Monday, June 8, 2009

How Protestants Helped Me Understand the Mass

There have already been some good thoughts on why some people can't wait to get to Mass and others can't wait to get out of Mass.  I would have to agree that it has a lot to do with how well you understand the Mass and how well you have prepared for the Mass that day.  

I remember a time when this became a really important question to me.  A friend of mine was telling me that she no longer went to Mass and had switched to an E-free church.  She had several reasons for this, but seemingly her biggest part of this was the fact that she wanted to continue to grow in her relationship with Jesus and she had "gotten all she could out of the Mass."  She still thought it was good, but she needed something more.  I was speechless.  I knew that she had been having a lot of questions, but all I could think was how monumentally I had failed her if she thought there was ever a point that you can plateau on "what you can get out of Mass."  

Her background is that she went to Catholic school for 12 years, but didn't start to really grow in her relationship with Christ until later in high school and into college.  She has an enormous hunger for God, and when she was in college, she had professors and fellow students challenging her Catholic faith right and left.  She tried to find some of the answers, but by her senior year had left the Catholic Church.  She didn't have animosity towards the Church, she just wanted a place to grow deeper in her faith and didn't feel the Mass was that place.

Oh, sweet girl.  Don't give up so fast.  I praise God for your deep hunger for Him. He will bless that desire to grow in Him wherever you go to church, but don't give up on the Mass so fast!

For me, I owe a large part of my love for the Mass to my Protestant friends and family.  I know, right?  It's a little confusing.  Here's the thing.  I think that in order to have any understanding and love of the Mass, you have to have a personal relationship with Jesus.  Further, the Mass means little to nothing without knowing your Bible.  The Protestant friends and family in my life have been an enormous influence in deepening my relationship with Christ and whetting my appetite for the Bible.  Further, I owe a huge debt of gratitude for former Protestants who have become Catholic and have shared their testimonies of what the Mass means to them.

Here's my advice, for what it's worth.  

Grow your relationship with Jesus.  It's easy, all you have to do is ask.  Maybe you've been going to Mass for decades, but feel that you know about God, but you don't know Him.  Maybe you feel that you have a relationship with Him, but it's stuck in a rut and doesn't seem to grow.  Just ask Him to help you.

"Jesus, I don't know You, but I want to. Please help me."
"Jesus, help me to know You more."

He never ignores those prayers.  By the way, here's a prayer I remember praying when being confused by the Mass:

"I don't get it."  (He understood the implication that I wanted to know more.)

My point is that you don't have to be eloquent, just honest.  All the studying in the world won't get you the answers you crave if you don't have a relationship with Christ.

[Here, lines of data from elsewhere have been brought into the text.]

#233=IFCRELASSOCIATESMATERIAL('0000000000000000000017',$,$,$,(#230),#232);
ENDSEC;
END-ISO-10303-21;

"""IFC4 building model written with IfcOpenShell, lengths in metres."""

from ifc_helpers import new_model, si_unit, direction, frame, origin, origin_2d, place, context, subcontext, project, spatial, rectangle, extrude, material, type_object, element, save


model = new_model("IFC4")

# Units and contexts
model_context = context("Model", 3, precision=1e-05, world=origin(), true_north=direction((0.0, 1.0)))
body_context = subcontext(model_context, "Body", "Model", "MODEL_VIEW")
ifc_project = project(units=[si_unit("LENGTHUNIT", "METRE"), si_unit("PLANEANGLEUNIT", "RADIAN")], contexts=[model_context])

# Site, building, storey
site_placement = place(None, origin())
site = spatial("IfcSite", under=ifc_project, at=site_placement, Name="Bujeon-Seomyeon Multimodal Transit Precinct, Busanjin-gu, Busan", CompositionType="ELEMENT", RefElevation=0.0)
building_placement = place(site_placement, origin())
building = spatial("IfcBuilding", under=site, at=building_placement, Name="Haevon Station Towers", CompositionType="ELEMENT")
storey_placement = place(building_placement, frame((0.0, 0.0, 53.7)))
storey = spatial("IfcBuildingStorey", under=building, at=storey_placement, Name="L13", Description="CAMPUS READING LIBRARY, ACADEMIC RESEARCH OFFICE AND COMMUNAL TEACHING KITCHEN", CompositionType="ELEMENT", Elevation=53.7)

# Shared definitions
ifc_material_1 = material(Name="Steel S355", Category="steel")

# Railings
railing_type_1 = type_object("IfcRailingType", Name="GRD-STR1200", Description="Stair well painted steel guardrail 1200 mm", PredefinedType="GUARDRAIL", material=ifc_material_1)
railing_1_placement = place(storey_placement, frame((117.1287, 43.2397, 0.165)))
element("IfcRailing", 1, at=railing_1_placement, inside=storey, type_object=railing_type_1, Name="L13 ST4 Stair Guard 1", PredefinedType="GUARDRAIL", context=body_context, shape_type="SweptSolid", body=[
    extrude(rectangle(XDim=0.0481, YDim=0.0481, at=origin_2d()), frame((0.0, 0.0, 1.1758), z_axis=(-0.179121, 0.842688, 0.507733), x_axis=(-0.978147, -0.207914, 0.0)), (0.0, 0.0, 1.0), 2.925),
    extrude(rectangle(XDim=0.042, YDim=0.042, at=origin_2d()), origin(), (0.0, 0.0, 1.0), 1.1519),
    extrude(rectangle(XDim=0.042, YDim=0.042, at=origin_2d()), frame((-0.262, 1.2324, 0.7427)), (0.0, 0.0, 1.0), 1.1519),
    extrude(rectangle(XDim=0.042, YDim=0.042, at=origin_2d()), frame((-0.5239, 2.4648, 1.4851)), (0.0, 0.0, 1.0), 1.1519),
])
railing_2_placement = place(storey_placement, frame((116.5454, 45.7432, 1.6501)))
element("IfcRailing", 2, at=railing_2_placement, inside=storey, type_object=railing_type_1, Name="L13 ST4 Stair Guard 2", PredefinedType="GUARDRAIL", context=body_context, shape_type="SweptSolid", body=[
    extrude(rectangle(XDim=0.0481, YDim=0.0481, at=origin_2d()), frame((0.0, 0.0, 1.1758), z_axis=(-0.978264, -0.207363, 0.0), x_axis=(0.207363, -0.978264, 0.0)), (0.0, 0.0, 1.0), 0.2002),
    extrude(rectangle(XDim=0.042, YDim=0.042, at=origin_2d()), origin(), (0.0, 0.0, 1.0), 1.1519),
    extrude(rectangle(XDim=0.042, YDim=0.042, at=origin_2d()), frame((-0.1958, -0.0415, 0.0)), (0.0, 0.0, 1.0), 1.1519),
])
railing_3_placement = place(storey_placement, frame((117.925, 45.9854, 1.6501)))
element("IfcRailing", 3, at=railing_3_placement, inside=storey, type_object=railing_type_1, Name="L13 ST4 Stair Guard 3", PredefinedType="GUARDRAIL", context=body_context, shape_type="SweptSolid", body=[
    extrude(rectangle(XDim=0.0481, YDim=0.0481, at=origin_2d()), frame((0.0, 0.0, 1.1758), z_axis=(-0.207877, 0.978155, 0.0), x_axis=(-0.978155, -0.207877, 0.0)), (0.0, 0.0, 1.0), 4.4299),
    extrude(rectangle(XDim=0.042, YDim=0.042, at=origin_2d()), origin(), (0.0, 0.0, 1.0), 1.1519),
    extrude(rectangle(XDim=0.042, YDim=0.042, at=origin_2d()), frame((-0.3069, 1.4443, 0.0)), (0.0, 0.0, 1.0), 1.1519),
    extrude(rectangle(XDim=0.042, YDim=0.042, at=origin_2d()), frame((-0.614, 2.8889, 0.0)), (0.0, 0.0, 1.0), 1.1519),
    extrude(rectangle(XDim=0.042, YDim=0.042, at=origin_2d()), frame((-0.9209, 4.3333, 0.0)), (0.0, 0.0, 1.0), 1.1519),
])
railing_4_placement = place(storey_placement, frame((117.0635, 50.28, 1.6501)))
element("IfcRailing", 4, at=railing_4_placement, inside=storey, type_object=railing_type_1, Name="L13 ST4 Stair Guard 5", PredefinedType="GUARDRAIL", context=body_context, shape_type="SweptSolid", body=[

Then crack open that Bible that's been sitting on your shelf since you got it for Confirmation and start reading it.  If you're not familiar or comfortable with it, I suggest starting with the Gospels, and remember that footnotes are your friends.  You won't understand it all the first time, but that's okay.  You won't understand it all the 2nd or the 40th time, either.  You will understand more each time you read it, and if you've just asked God to help you know Him better, be prepared to learn some great things and grow closer to God.

I would love to tell you more about what the Mass means to me, and what I have learned about the Mass, but that would take post after post after post....oh, wait.  That probably won't be an issue for me! :)  So I think that there will be regular posts about the Mass for a while, maybe a long while.  Not every post, but definitely a recurring theme.